Our study found that postdischarge care from a PN did not lower costs for high‐risk patients under age 60 in our safety‐net setting. Younger socioeconomically vulnerable patients often have significant morbidity and health care utilization, and they have higher readmission rates than their older counterparts overall for CHF and COPD (Barrett et al. 2015; Fingar and Washington 2015). This is supported by our finding of higher rates of hospitalizations and ED visits for those under 60 than for those 60 and older in this study. The prevalence of mental health and substance use comorbidities in the younger population at CHA and other safety‐net settings is substantial, and this subgroup may represent a particularly at‐risk population. Our initial study from the trial found a significant increase in readmissions within 30‐day postdischarge for patients under age 60 (Balaban et al. 2015). Other care transition interventions have also noted increased rates of readmission among young patients and among those with substance use and other complex medical and social issues (Einstadter, Cebul, and Franta 1996; Weinberger, Oddone, and Henderson 1996; Tracy et al. 2011). Thus, it is reassuring that our study did not find significantly increased hospitalizations or total costs over the longer term course of the intervention. If interventions like ours can be shown to improve transition quality, they may be worthwhile for delivery systems to implement if there is no significant additional cost. Alternatively, other interventions with more intensive case management services that address psychosocial needs or programs targeting the level of services based on needs might be able to address the diverse needs of younger patients with complex medical and behavioral health conditions and create cost savings (Frank and Epstein 2014; Polinski et al. 2016).
The initial increase in 30‐day utilization for younger patients in our prior short‐term study (Balaban et al. 2015) could reflect PNs identifying and addressing unmet health care needs. This increased utilization may level off over time as needs are met, as suggested by our follow‐up study of 180‐day hospital‐based utilization (Balaban et al. 2017). This lagged effect may explain the lack of significant cost difference for younger PN patients in this study. Other studies of intensive care management of socially and medically high‐risk patients have shown a lack of cost savings with improved access and increased utilization in the short term (Bell et al. 2015).

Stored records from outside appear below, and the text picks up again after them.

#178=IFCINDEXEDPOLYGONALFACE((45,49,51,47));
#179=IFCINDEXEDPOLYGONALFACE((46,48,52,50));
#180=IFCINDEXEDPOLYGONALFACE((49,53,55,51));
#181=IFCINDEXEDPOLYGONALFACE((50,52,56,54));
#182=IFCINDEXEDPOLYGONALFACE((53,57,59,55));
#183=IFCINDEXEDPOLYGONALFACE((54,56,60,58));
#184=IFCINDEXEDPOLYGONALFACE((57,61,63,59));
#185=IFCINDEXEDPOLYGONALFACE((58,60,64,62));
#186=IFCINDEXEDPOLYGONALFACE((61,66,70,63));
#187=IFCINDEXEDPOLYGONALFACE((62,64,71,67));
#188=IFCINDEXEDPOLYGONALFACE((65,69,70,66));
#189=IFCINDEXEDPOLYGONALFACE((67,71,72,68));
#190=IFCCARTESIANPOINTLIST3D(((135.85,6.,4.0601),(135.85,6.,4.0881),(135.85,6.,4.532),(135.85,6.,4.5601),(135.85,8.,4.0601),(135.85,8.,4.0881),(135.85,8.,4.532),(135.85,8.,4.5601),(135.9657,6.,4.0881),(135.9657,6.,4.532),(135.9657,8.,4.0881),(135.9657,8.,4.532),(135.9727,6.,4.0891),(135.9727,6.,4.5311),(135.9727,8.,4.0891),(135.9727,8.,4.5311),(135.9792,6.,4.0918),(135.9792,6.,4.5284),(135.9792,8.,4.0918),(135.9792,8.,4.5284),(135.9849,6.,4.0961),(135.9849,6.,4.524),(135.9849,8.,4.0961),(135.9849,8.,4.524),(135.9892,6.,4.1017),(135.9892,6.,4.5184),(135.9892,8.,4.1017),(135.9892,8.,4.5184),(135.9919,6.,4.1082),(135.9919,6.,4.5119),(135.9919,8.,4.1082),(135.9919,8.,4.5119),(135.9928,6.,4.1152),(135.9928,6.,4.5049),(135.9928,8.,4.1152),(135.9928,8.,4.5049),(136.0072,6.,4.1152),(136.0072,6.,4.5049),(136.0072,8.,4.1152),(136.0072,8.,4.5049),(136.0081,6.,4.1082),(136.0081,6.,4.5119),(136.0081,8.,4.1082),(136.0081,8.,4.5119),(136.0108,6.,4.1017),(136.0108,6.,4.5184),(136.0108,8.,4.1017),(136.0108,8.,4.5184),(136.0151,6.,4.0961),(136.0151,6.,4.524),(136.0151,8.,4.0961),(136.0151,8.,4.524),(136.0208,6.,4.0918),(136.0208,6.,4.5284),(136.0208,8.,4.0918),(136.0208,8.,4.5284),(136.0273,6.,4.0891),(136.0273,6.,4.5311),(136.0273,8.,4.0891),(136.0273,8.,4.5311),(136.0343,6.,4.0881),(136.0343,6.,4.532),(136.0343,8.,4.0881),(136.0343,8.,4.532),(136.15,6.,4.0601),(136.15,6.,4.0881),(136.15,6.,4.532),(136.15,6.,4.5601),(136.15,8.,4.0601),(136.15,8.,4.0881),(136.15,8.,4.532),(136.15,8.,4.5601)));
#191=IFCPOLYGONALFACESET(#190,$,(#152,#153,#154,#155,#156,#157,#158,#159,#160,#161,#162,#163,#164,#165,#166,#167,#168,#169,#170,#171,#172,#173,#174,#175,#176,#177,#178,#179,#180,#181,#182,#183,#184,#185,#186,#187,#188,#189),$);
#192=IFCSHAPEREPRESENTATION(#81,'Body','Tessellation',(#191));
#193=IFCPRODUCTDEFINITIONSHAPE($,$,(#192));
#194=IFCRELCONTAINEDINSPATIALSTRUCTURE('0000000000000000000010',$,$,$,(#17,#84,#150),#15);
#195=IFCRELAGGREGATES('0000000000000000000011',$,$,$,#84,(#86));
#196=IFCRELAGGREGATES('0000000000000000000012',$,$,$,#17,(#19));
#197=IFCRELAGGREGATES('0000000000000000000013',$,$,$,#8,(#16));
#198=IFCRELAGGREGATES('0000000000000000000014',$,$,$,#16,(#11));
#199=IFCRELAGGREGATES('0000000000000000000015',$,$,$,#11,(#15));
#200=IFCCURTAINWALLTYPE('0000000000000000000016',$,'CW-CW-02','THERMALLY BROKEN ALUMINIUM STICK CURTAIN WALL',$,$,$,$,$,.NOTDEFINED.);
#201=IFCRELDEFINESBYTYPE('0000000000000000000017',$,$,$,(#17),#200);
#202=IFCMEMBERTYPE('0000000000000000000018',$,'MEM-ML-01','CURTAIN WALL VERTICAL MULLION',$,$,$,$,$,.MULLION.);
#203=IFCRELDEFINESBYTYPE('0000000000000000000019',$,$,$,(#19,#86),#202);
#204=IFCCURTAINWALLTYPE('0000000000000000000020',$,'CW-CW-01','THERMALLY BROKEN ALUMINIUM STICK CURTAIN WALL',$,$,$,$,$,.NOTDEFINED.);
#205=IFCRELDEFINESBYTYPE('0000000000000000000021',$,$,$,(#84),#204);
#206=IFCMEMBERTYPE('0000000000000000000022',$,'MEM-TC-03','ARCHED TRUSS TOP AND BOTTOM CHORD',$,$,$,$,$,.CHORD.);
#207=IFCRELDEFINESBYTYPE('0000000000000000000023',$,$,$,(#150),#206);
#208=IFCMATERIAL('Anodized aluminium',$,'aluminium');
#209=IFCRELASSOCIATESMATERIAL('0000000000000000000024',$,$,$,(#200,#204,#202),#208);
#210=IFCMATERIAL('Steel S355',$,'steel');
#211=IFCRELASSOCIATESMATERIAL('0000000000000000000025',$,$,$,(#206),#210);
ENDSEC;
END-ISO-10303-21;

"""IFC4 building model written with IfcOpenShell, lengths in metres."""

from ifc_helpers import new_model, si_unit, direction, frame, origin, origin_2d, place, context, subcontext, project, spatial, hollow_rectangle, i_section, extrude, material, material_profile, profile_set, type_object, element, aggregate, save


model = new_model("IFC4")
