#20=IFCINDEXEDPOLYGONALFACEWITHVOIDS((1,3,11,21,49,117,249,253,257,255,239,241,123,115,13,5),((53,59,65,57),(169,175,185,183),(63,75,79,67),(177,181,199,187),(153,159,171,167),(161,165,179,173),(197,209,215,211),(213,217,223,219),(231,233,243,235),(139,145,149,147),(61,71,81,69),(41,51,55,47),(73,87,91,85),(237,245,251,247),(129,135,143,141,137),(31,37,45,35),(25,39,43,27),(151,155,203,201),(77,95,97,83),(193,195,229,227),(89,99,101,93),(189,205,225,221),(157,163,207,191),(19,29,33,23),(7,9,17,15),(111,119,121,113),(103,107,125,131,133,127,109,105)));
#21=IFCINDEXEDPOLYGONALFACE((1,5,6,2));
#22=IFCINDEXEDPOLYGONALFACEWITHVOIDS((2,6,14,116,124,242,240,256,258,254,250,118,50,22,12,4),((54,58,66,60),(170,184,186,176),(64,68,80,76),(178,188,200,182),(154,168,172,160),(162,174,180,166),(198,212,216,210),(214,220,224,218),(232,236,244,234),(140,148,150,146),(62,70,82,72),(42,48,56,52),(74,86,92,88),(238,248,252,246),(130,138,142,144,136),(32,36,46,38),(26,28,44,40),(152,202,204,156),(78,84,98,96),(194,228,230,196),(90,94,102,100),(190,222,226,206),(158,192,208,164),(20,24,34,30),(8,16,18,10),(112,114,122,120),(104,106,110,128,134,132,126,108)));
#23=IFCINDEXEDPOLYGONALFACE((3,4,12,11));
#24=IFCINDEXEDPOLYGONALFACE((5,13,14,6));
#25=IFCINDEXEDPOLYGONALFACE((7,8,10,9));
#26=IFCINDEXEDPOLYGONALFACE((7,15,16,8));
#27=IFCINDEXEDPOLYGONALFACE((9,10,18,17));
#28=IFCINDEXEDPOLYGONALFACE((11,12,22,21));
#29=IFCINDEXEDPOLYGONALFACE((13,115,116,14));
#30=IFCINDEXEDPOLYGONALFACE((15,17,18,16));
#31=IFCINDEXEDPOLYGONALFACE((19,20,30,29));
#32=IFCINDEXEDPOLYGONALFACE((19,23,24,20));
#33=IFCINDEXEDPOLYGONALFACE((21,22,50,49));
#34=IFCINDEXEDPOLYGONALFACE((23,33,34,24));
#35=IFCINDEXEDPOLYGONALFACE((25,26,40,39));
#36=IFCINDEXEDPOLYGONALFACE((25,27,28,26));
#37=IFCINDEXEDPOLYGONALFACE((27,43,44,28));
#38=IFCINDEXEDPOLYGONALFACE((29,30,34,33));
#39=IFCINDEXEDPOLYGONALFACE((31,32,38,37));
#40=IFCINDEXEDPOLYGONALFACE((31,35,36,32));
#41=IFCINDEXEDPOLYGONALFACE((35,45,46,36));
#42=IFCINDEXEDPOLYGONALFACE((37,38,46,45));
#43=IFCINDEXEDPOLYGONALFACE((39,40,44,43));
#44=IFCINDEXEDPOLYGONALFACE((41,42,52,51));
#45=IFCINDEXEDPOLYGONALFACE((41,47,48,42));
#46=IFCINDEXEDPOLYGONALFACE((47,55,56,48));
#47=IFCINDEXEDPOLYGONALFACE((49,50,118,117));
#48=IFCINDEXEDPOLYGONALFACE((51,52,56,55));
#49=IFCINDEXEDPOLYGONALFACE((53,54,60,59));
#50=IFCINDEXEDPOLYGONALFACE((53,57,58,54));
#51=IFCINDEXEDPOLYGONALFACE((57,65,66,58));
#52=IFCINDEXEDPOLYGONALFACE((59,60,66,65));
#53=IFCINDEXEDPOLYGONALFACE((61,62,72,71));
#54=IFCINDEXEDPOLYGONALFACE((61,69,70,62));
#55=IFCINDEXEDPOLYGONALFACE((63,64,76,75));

However, over several years, there may be a cost savings from care management programs for patients with behavioral health issues (Unutzer et al. 2008). Longer term interventions and more in‐depth studies of the drivers of utilization in this younger, high‐risk population are needed to see if the downward utilization trend following an initial uptick eventually leads to lower utilization and total costs for younger patients receiving PN services.
Our findings are relevant to delivery systems that must decide whether to invest in CHW‐based transitional care programs. Our study takes the perspective of a safety‐net delivery system in an environment in which delivery systems, including CHA, are increasingly at risk for the total cost of care through ACOs and other capitated models. While safety‐net hospitals may be less likely to utilize strategies for reducing readmission (Figueroa et al. 2017), our study demonstrates that investing in strategies like CHW postdischarge transition programs may be a financially viable and cost‐effective option. Utilizing CHWs who share a language with patients maybe a particularly efficient means of delivering a postdischarge intervention in a population like ours where a substantial proportion of patients do not speak English; our findings may not generalize to other settings with different language capabilities. As delivery systems move away from fee‐for‐service models and begin to assume more risk and enter ACO arrangements, a PN intervention would be more attractive for reducing costs for high‐risk older safety‐net patients, while remaining cost‐neutral for younger patients. The per‐patient cost savings of our PN intervention for patients aged 60 and older would represent 16.7 percent of the per capita Medicare spending in Massachusetts (Kaiser Family Foundation 2017), although this percentage may be lower for a high‐risk subgroup like ours.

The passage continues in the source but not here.